現在進行形でその進歩発展が期待されているのがウェアラブル端末と言うもので、あちらこちらから興味深いガジェットの発表も相次いでいるのは周知の通りなんですが、先日そのウェアラブル端末の新たな活用法が登場したと記事が出ていました。

ウエアラブル端末で集団の幸福感数値化 日立などが技術開発(2015年2月10日産経ビズ)

 日立製作所などは9日、ウエアラブル端末を使って集めた体の動きのデータを基に、職場など集団の幸福感を数値で表す技術を開発した。日立によると、ウエアラブル端末で常時、集団の幸福感を測定できる技術は初めて。同技術を活用し、職場など組織の活性化をサポートするサービスも提供する計画だ。

 体の動きを測定するために、加速度センサーや無線通信の機能を搭載した名札型で首に下げる端末を開発。同端末を各自が身につけ、歩いたり、他の社員と話したり、といった日常の活動データを集める。データを独自に算出した基準値より身体の動きが活発な状態が持続している時間の長さなどを解析して集団の幸福感を数値化する。

 日立ハイテクノロジーズは、測定したデータで組織の活性度を向上させるための分析を行うサービスを4月から提供する。

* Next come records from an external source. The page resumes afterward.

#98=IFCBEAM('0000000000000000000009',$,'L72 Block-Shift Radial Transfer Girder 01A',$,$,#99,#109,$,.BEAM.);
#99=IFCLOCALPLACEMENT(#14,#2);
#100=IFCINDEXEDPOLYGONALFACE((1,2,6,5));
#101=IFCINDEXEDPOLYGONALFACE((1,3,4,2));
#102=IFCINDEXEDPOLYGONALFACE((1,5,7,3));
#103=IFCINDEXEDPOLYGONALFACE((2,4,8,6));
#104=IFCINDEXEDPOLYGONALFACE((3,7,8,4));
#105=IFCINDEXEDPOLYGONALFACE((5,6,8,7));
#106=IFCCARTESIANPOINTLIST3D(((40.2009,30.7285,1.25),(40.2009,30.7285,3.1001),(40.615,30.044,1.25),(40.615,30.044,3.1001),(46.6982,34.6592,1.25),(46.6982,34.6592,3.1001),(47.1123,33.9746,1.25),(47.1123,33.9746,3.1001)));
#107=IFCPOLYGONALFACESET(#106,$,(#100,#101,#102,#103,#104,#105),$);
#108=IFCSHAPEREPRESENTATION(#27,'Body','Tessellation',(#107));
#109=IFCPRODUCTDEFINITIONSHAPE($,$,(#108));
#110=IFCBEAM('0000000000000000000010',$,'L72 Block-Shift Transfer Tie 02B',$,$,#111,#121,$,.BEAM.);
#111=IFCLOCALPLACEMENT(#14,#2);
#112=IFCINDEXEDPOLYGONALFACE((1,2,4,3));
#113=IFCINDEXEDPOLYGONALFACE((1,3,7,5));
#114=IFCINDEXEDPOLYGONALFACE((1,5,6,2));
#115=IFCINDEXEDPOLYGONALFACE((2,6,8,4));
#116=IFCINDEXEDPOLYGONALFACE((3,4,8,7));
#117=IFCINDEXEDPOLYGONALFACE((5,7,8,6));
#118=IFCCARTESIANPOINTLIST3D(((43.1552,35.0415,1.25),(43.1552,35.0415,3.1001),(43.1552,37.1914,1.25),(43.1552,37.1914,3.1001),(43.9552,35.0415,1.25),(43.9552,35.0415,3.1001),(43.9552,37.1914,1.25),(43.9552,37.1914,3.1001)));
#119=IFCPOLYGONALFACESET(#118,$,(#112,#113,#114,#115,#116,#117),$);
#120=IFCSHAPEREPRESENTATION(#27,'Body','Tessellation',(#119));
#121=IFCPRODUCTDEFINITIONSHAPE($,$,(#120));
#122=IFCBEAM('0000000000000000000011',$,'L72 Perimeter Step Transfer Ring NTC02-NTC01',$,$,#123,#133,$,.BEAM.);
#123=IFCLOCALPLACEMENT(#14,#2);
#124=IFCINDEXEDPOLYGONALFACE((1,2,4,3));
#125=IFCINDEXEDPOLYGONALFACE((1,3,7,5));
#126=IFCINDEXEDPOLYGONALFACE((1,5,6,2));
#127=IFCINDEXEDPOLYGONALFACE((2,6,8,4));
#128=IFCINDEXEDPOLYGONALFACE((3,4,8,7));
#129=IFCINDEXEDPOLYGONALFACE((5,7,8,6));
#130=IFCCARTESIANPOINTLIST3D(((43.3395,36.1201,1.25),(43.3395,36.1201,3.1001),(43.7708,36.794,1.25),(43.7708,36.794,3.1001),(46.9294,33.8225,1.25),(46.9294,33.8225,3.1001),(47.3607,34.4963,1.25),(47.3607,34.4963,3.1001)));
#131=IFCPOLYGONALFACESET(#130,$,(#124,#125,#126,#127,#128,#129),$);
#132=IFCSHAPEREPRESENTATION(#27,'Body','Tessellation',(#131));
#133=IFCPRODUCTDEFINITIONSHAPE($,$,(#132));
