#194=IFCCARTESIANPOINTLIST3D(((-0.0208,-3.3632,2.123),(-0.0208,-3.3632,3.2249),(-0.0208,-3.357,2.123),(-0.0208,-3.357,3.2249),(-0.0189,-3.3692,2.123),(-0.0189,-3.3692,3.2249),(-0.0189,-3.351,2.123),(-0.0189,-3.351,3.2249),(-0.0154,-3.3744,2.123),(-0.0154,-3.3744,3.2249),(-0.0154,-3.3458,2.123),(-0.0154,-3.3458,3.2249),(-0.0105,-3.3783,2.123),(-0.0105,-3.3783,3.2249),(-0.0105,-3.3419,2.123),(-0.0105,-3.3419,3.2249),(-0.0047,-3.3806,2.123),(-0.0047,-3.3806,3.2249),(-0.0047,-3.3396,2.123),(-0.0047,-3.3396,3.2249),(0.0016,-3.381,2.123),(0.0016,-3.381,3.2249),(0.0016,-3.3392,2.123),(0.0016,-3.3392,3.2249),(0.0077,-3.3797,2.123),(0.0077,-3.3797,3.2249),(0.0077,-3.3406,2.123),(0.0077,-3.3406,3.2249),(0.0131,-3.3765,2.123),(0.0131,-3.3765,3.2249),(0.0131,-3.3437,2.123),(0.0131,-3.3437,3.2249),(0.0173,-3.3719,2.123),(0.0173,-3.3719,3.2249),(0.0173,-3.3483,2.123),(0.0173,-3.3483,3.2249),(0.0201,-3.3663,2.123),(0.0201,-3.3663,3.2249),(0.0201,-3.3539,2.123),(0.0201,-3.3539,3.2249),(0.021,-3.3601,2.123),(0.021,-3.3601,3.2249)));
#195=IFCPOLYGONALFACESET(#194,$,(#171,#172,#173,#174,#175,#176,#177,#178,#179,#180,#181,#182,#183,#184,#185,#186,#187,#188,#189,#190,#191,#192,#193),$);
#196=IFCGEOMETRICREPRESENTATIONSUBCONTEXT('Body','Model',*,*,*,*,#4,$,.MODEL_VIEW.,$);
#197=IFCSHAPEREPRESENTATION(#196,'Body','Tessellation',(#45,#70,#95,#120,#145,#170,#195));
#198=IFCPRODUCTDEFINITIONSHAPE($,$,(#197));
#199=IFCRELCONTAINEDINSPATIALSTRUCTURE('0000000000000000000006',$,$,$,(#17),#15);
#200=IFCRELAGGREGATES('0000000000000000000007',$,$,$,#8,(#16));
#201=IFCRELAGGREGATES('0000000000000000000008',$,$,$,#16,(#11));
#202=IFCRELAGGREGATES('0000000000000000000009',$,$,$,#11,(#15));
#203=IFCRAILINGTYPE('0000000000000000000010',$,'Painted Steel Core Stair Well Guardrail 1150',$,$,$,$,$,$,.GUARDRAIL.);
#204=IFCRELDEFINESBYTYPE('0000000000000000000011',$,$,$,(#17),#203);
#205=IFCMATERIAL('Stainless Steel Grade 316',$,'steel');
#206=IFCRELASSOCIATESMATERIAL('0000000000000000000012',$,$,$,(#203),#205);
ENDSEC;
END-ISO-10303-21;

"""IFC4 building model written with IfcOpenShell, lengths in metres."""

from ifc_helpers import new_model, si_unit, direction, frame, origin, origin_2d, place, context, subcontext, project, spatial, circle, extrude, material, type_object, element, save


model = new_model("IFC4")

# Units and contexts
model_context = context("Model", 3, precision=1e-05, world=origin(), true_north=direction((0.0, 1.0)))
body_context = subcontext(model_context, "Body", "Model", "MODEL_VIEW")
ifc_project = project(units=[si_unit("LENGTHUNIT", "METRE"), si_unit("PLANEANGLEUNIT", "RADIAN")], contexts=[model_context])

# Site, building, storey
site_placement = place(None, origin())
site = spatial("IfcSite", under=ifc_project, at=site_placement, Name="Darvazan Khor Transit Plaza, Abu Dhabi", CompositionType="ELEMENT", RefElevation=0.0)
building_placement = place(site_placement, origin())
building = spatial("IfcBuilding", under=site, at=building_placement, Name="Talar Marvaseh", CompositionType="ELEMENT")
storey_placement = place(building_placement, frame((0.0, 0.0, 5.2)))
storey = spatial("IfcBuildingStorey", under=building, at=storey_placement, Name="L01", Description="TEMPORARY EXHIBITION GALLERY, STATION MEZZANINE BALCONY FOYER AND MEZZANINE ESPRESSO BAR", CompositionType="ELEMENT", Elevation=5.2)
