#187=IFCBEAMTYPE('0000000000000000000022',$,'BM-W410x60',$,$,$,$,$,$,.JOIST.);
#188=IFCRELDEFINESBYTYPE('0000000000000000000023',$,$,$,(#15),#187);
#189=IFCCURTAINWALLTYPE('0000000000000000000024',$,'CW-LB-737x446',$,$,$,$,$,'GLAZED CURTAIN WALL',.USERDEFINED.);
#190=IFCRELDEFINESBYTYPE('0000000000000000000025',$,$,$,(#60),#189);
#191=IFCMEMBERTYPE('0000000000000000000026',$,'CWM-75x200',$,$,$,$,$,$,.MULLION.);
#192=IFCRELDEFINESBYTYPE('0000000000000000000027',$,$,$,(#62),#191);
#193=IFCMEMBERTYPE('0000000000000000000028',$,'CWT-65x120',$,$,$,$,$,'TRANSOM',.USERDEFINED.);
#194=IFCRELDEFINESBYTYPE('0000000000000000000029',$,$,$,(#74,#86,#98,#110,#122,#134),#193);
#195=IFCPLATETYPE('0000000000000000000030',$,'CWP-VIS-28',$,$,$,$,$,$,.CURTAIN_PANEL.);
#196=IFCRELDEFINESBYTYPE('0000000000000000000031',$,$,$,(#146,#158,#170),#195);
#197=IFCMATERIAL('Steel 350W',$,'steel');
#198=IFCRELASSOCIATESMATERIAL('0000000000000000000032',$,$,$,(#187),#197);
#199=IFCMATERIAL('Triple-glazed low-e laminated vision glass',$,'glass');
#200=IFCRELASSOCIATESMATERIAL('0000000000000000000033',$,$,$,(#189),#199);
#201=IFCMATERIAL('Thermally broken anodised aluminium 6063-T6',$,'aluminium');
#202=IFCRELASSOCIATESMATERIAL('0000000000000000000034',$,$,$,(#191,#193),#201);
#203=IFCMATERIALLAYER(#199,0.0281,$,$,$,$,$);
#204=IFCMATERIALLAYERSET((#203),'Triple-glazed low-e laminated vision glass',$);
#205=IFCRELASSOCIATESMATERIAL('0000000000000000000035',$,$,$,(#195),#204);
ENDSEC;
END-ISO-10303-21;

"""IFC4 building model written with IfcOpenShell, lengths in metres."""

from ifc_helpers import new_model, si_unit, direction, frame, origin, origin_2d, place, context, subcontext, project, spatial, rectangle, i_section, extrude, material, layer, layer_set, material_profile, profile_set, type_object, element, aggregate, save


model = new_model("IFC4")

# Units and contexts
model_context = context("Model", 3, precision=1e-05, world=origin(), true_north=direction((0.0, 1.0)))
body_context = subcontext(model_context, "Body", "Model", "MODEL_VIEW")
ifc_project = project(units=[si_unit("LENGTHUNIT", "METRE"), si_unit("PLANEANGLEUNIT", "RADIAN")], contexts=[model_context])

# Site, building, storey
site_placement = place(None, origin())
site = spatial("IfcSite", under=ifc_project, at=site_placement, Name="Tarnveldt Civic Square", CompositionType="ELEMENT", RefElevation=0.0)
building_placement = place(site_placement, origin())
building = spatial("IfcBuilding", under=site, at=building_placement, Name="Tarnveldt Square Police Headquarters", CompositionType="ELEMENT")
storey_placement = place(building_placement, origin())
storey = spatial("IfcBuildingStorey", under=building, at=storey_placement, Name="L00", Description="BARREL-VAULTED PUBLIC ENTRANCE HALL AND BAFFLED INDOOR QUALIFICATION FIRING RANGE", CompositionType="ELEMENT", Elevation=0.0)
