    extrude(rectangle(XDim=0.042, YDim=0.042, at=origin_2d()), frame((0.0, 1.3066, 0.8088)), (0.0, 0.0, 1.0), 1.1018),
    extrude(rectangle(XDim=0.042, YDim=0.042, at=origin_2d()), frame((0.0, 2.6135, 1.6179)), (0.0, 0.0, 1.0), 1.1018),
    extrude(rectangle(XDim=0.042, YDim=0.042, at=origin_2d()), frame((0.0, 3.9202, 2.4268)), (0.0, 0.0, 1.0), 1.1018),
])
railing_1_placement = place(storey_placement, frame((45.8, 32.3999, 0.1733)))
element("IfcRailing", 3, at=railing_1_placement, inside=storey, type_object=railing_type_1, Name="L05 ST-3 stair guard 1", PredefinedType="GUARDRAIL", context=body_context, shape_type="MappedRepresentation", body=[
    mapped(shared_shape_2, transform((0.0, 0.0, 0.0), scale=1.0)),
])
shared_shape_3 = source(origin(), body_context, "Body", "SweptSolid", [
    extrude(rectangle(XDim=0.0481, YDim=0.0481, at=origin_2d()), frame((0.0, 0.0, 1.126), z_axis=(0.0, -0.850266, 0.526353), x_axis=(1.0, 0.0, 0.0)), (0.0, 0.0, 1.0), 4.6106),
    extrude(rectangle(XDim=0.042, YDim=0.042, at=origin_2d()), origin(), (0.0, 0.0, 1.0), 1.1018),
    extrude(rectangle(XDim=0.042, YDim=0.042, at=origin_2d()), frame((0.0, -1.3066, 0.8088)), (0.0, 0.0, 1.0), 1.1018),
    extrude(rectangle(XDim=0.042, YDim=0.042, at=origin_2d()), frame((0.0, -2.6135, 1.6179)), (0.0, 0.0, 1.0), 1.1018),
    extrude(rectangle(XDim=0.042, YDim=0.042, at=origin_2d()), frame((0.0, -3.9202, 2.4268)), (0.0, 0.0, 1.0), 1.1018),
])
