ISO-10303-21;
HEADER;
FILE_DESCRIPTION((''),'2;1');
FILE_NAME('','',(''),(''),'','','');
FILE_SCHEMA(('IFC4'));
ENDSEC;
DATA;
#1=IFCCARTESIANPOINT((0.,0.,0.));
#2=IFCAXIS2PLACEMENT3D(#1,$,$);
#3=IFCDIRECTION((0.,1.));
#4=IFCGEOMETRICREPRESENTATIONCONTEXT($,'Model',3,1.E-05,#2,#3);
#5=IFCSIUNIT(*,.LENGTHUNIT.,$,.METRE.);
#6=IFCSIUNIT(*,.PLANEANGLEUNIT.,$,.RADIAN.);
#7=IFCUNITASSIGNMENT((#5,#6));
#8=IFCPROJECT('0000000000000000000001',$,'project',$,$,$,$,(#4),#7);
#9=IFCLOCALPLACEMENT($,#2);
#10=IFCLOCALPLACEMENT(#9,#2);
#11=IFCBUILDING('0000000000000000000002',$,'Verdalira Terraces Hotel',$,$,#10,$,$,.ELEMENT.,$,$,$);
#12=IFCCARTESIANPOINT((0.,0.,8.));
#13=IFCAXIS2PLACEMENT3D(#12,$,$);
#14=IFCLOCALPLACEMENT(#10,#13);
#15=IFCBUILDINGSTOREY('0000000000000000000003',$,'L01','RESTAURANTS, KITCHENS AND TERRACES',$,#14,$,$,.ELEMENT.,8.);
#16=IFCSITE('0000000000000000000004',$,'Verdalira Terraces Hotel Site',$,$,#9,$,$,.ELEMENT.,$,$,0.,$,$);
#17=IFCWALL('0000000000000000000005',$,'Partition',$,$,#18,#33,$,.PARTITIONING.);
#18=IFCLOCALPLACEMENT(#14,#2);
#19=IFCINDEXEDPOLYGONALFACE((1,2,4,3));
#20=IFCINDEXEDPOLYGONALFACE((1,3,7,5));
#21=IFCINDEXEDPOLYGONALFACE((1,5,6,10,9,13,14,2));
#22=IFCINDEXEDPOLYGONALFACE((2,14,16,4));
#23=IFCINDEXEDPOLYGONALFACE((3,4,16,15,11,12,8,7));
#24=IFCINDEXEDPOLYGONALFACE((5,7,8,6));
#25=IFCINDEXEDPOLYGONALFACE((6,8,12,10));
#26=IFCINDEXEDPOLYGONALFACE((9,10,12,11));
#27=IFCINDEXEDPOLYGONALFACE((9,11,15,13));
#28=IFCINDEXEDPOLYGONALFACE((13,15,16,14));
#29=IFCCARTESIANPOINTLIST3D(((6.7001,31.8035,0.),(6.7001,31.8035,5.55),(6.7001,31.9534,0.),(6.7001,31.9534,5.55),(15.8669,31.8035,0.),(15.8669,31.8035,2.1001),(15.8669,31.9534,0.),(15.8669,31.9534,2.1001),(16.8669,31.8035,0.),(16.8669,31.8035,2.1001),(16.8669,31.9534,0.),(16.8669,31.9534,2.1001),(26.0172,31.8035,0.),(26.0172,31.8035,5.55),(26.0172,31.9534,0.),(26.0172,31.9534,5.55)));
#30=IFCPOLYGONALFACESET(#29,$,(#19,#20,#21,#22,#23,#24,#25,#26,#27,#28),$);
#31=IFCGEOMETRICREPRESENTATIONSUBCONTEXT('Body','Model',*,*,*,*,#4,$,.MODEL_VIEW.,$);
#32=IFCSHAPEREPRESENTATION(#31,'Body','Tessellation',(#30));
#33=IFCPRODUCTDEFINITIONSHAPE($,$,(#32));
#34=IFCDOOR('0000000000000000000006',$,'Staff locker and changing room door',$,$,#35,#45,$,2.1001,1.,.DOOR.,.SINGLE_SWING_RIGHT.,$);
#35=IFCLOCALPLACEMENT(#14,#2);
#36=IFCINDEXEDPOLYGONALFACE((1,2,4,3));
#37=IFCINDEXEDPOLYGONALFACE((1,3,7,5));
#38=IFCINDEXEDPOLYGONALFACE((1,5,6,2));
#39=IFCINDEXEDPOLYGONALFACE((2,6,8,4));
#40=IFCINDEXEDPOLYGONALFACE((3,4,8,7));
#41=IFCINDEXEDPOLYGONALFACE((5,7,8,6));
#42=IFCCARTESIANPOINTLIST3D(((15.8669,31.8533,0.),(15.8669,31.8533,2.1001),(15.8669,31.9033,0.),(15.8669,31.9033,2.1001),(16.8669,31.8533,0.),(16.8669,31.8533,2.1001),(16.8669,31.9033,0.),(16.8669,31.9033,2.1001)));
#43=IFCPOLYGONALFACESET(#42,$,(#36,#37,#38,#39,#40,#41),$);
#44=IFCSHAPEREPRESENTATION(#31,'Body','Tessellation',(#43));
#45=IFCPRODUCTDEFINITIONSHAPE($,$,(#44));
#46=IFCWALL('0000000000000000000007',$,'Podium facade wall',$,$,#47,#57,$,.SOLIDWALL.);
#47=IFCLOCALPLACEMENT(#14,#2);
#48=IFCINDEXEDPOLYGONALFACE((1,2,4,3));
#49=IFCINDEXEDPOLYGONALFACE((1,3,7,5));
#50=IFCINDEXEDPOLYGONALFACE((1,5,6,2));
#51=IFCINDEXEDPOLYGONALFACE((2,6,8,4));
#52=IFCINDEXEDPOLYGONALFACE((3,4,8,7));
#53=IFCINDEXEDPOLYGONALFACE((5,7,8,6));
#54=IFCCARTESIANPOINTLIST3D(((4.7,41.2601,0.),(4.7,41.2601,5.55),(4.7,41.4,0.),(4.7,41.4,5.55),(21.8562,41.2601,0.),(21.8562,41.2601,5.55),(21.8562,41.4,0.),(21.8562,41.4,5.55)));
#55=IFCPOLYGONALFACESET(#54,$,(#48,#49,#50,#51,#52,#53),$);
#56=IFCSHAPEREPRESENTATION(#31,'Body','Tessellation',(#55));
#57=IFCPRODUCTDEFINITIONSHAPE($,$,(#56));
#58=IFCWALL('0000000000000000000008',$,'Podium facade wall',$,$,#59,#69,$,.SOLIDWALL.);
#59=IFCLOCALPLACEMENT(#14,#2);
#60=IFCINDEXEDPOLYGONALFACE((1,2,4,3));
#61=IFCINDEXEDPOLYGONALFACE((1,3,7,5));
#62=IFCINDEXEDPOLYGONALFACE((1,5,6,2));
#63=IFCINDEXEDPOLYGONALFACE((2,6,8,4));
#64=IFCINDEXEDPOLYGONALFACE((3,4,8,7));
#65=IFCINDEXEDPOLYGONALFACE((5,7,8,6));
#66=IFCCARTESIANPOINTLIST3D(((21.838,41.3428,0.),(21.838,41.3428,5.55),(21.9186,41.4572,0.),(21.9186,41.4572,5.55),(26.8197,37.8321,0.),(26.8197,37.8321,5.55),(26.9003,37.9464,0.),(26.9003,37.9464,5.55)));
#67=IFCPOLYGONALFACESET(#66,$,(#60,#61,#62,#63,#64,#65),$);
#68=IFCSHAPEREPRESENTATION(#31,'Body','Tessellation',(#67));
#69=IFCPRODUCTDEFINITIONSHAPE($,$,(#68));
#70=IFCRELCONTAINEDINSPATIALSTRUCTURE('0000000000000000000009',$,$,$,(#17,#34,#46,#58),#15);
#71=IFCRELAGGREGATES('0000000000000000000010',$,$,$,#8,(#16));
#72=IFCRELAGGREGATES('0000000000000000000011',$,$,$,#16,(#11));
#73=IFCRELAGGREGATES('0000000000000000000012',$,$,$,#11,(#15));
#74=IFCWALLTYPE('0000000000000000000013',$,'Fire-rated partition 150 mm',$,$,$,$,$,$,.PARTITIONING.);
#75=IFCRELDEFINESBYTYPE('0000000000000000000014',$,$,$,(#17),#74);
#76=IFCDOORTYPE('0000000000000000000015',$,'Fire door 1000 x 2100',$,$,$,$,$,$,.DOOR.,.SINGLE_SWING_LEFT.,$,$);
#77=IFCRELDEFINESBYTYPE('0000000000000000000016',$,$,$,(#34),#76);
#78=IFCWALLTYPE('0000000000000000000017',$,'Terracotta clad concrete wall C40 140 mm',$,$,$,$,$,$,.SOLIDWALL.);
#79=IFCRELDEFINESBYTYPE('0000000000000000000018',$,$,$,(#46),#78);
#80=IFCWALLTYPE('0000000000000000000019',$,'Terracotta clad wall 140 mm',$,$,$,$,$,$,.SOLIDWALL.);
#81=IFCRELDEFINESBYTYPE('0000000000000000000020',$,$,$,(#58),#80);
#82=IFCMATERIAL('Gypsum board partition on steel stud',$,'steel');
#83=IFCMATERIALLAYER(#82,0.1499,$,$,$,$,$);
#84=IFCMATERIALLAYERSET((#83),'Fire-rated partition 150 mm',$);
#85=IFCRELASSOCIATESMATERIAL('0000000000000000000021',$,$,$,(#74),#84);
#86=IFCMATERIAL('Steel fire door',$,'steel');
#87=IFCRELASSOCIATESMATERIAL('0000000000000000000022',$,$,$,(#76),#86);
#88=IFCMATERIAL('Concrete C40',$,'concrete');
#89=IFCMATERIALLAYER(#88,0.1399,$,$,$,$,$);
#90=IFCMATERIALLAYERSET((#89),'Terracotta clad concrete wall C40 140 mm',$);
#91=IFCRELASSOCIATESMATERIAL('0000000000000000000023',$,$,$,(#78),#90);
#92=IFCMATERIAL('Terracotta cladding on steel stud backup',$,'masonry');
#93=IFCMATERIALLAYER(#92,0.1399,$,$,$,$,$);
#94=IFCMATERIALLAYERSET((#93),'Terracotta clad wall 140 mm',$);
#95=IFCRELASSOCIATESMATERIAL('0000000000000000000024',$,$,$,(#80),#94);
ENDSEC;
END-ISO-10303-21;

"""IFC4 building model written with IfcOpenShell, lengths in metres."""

from ifc_helpers import new_model, si_unit, direction, frame, frame_2d, origin, place, context, subcontext, project, spatial, rectangle, extrude, material, layer, layer_set, type_object, element, fill, save


model = new_model("IFC4")

# Units and contexts
model_context = context("Model", 3, precision=1e-05, world=origin(), true_north=direction((0.0, 1.0)))
body_context = subcontext(model_context, "Body", "Model", "MODEL_VIEW")
ifc_project = project(units=[si_unit("LENGTHUNIT", "METRE"), si_unit("PLANEANGLEUNIT", "RADIAN")], contexts=[model_context])

# Site, building, storey
site_placement = place(None, origin())
site = spatial("IfcSite", under=ifc_project, at=site_placement, Name="Verdalira Terraces Hotel Site", CompositionType="ELEMENT", RefElevation=0.0)
building_placement = place(site_placement, origin())
building = spatial("IfcBuilding", under=site, at=building_placement, Name="Verdalira Terraces Hotel", CompositionType="ELEMENT")
storey_placement = place(building_placement, frame((0.0, 0.0, 8.0)))
storey = spatial("IfcBuildingStorey", under=building, at=storey_placement, Name="L01", Description="RESTAURANTS, KITCHENS AND TERRACES", CompositionType="ELEMENT", Elevation=8.0)

# Wall, opening, door
ifc_material_1 = material(Name="Gypsum board partition on steel stud", Category="steel")
ifc_layer_1 = layer(ifc_material_1, 0.1499)
ifc_layer_set_1 = layer_set([ifc_layer_1], Name="Fire-rated partition 150 mm")
wall_type_1 = type_object("IfcWallType", Name="Fire-rated partition 150 mm", PredefinedType="PARTITIONING", material=ifc_layer_set_1)
wall_1_placement = place(storey_placement, frame((6.7, 31.8784, 0.0), z_axis=(0.0, 0.0, 1.0), x_axis=(1.0, 0.0, 0.0)))
wall_1 = element("IfcWall", 1, at=wall_1_placement, inside=storey, type_object=wall_type_1, Name="Partition", PredefinedType="PARTITIONING", context=body_context, shape_type="SweptSolid", body=[
    extrude(rectangle(XDim=19.3171, YDim=0.1499, at=frame_2d((9.6587, 0.0))), origin(), (0.0, 0.0, 1.0), 5.55),
])
opening_1_placement = place(wall_1_placement, frame((9.167, 0.0, 0.0)))
opening_1 = element("IfcOpeningElement", 2, at=opening_1_placement, cuts=wall_1, PredefinedType="OPENING", context=body_context, shape_type="SweptSolid", body=[
    extrude(rectangle(XDim=1.0, YDim=2.1001, at=frame_2d((0.5, 1.05))), frame((0.0, 0.085, 0.0), z_axis=(0.0, -1.0, 0.0), x_axis=(1.0, 0.0, 0.0)), (0.0, 0.0, 1.0), 0.1699),
])
ifc_material_2 = material(Name="Steel fire door", Category="steel")
door_type_1 = type_object("IfcDoorType", Name="Fire door 1000 x 2100", OperationType="SINGLE_SWING_LEFT", PredefinedType="DOOR", material=ifc_material_2)
door_1_placement = place(opening_1_placement, origin())
door_1 = element("IfcDoor", 3, at=door_1_placement, inside=storey, type_object=door_type_1, Name="Staff locker and changing room door", OperationType="SINGLE_SWING_RIGHT", OverallHeight=2.1001, OverallWidth=1.0, PredefinedType="DOOR", context=body_context, shape_type="SweptSolid", body=[
    extrude(rectangle(XDim=1.0, YDim=2.1001, at=frame_2d((0.5, 1.05))), frame((0.0, 0.0249, 0.0), z_axis=(0.0, -1.0, 0.0), x_axis=(1.0, 0.0, 0.0)), (0.0, 0.0, 1.0), 0.05),
])
fill(opening_1, door_1)

# Walls
ifc_material_3 = material(Name="Concrete C40", Category="concrete")
ifc_layer_2 = layer(ifc_material_3, 0.1399)
ifc_layer_set_2 = layer_set([ifc_layer_2], Name="Terracotta clad concrete wall C40 140 mm")
wall_type_2 = type_object("IfcWallType", Name="Terracotta clad concrete wall C40 140 mm", PredefinedType="SOLIDWALL", material=ifc_layer_set_2)
wall_2_placement = place(storey_placement, frame((21.8562, 41.3301, 0.0), z_axis=(0.0, 0.0, 1.0), x_axis=(-1.0, 0.0, 0.0)))
element("IfcWall", 4, at=wall_2_placement, inside=storey, type_object=wall_type_2, Name="Podium facade wall", PredefinedType="SOLIDWALL", context=body_context, shape_type="SweptSolid", body=[
    extrude(rectangle(XDim=17.1562, YDim=0.1399, at=frame_2d((8.5781, 0.0))), origin(), (0.0, 0.0, 1.0), 5.55),
])
ifc_material_4 = material(Name="Terracotta cladding on steel stud backup", Category="masonry")
ifc_layer_3 = layer(ifc_material_4, 0.1399)
ifc_layer_set_3 = layer_set([ifc_layer_3], Name="Terracotta clad wall 140 mm")
wall_type_3 = type_object("IfcWallType", Name="Terracotta clad wall 140 mm", PredefinedType="SOLIDWALL", material=ifc_layer_set_3)
wall_3_placement = place(storey_placement, frame((26.8601, 37.8892, 0.0), z_axis=(0.0, 0.0, 1.0), x_axis=(-0.817412, 0.576054, 0.0)))
element("IfcWall", 5, at=wall_3_placement, inside=storey, type_object=wall_type_3, Name="Podium facade wall", PredefinedType="SOLIDWALL", context=body_context, shape_type="SweptSolid", body=[
    extrude(rectangle(XDim=6.0945, YDim=0.1399, at=frame_2d((3.0474, 0.0))), origin(), (0.0, 0.0, 1.0), 5.55),
])

save(model, "model.ifc")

新サービスをきっかけに、ビッグデータを活用した事業展開にもつなげたい考えだ。

ちなみに日立の発表によれば幸福度測定を目的としたものと言うよりも、開発した幸福度測定システムを活用して組織の生産性を上げることが目的なのだそうで、同社のデータによれば「定量化された幸福感は、その組織の生産性に強い相関がある」ことが判明したと言いますから、記事のように幸福度測定云々と強調するのがいいのかどうかですが、まあ企業生産性向上指標などと言うよりはキャッチーな話ではありますよね。
ただ幸福度測定と言われれば実際にどの程度幸せと言うものが客観的に評価出来るのか、そもそもいわゆる幸せな境遇にある人が必ずしも主観的に幸せとは感じていないと言う実例には事欠かないだけに、特に企業内での活用と言う面で考えた場合に下手をするとM気質の社畜ばかりが幸福度を高く評価されると言う意味不明の結果に終わる可能性もあるのか?などと余計なことも考えてしまいます。
もちろん単に数値を出すだけでなくその評価と活用法を巡って今後ノウハウが蓄積されていけば、社会などクローズドな環境だけではなくて様々な方面で応用的な活用が期待される技術ではあるのでしょうが、こうした人の内面を客観的に示すとも言うべきものが登場してくる時代になりますと表向きの幸せの裏面と言うのでしょうか、世の中には知らない方がいいこともあるんじゃないか?と言う気がしないでもありません。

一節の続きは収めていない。